Re: [math-fun] Ken Thompson's compiler hack --- NN applicability?

23 Jun 2020

      Specifically, this is in regards to Leela Chess Zero.  If you look at 
many games played against Stockfish, especially those of a while ago, 
you get the impression that this happens:

1.  A locked position develops, both sides make no progress.  Both 
evaluations are mildly in favor of lc0.

2.  Lc0 starts shuffling, i.e. making moves that do not improve its 
position (and also do not make it worse).  Stockfish does the same.

3.  But, eventually, Stockfish's evaluation shows a big advantage for 
lc0, that lc0 does not yet see.  Stockfish reacts.

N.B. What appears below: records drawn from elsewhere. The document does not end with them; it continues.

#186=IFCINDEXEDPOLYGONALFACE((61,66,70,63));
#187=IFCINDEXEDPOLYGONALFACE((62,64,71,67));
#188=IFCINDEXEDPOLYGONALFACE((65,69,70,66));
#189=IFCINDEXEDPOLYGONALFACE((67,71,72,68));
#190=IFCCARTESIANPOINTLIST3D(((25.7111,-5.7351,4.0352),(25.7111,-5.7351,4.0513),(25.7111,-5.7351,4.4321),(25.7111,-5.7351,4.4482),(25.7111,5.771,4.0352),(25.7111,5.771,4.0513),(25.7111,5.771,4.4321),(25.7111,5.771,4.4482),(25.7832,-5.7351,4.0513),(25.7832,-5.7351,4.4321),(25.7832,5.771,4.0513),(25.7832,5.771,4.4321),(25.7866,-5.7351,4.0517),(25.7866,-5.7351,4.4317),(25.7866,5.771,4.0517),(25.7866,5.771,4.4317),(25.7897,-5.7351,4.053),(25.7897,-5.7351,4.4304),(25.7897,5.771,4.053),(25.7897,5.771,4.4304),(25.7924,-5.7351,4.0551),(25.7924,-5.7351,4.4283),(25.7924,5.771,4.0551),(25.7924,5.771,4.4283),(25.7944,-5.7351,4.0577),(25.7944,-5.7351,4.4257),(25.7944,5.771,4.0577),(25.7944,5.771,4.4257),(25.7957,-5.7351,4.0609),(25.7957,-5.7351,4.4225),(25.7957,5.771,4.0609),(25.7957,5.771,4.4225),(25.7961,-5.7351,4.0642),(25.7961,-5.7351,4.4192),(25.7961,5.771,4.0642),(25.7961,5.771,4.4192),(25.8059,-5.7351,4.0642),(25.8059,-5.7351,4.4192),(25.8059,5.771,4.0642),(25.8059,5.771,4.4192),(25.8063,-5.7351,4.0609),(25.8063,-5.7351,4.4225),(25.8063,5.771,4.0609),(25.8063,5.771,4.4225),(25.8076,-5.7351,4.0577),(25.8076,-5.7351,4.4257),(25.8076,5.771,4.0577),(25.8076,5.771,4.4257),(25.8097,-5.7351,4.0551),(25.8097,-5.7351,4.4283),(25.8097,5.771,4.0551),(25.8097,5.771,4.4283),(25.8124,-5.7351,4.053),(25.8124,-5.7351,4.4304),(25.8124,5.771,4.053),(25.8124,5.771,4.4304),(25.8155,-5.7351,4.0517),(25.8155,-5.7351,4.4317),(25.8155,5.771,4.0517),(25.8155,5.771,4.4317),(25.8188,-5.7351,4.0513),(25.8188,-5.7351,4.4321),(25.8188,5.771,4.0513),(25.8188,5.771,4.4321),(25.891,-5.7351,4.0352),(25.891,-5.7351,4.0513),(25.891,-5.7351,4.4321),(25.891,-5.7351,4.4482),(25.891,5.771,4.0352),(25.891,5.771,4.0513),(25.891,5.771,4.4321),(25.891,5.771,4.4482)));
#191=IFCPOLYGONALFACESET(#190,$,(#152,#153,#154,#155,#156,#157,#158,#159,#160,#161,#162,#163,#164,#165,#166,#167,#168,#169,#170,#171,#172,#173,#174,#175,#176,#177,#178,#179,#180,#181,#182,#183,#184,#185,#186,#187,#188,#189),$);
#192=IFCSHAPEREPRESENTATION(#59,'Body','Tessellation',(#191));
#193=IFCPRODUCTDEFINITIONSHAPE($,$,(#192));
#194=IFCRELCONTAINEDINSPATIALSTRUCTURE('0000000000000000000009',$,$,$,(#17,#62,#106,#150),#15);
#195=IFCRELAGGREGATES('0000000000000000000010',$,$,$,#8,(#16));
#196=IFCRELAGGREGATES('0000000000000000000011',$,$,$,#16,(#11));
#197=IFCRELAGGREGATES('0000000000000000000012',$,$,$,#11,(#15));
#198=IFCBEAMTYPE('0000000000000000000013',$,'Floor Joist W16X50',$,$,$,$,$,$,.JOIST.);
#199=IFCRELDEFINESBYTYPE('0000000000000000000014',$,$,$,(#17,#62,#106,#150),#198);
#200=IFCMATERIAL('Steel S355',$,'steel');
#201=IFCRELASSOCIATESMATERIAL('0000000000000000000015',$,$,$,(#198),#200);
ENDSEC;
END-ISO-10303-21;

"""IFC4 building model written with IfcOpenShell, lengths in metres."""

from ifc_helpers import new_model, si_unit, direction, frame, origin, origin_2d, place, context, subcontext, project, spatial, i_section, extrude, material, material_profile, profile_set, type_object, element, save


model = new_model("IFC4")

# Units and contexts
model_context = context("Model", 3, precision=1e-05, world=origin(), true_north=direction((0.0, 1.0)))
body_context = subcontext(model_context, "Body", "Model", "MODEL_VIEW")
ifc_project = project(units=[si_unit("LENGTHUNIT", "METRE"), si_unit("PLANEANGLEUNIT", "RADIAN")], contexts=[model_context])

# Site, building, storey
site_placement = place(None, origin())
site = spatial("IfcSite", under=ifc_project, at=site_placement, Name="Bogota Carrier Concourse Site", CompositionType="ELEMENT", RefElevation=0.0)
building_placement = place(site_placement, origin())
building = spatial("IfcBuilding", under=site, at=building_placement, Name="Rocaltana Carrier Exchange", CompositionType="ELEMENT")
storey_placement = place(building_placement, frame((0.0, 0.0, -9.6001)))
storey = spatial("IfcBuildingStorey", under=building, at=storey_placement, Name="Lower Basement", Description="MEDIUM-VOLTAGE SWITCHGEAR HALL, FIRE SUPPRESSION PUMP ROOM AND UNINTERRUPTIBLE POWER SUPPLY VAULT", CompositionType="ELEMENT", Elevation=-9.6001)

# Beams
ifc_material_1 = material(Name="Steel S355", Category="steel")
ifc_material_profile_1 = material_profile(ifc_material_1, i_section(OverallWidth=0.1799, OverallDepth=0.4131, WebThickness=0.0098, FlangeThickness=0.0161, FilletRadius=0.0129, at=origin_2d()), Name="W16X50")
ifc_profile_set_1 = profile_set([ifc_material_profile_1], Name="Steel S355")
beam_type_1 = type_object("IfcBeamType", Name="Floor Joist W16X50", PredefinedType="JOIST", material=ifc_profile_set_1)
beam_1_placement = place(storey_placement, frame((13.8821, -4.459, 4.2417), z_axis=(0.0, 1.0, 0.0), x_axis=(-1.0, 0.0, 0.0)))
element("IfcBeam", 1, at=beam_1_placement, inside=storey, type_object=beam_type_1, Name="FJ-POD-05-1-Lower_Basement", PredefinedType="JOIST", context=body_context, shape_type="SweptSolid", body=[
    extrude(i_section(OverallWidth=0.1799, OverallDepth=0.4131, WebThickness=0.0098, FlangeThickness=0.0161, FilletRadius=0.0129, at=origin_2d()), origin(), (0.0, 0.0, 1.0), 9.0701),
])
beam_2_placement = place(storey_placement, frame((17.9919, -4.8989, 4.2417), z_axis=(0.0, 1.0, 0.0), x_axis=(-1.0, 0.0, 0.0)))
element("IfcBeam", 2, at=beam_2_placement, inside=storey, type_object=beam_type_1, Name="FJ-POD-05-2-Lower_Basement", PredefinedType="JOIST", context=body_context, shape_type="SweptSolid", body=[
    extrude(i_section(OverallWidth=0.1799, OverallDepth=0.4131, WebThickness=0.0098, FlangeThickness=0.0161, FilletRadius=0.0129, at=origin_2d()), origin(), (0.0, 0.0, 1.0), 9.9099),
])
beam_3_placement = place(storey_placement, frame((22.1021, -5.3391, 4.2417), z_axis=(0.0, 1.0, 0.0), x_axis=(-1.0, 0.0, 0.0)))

4.  Lc0 then perceives the reaction and plays into the new weakness, 
eventually wins.

So, how do you know the lc0 nets that get promoted as strong are not 
encoding, in themselves, the hints their own winning sides need to 
survive the training regime?  That is, is the self play training process 
optimizing for wins achieved unilaterally, or collaboratively?

Of course, this example is very specific for lc0 in that I thought this 
was possible first while watching those particular games.  However, I am 
interested in the general concept.

An issue I see is that, without an audit trail, finding whether an NN 
did this on its own is going to be very difficult.  I'd imagine a way to 
ameliorate this problem is diversity (as in biological diversity, and 
for the same reasons).

I'm interested to hear more informed opinions on this.  Are there any?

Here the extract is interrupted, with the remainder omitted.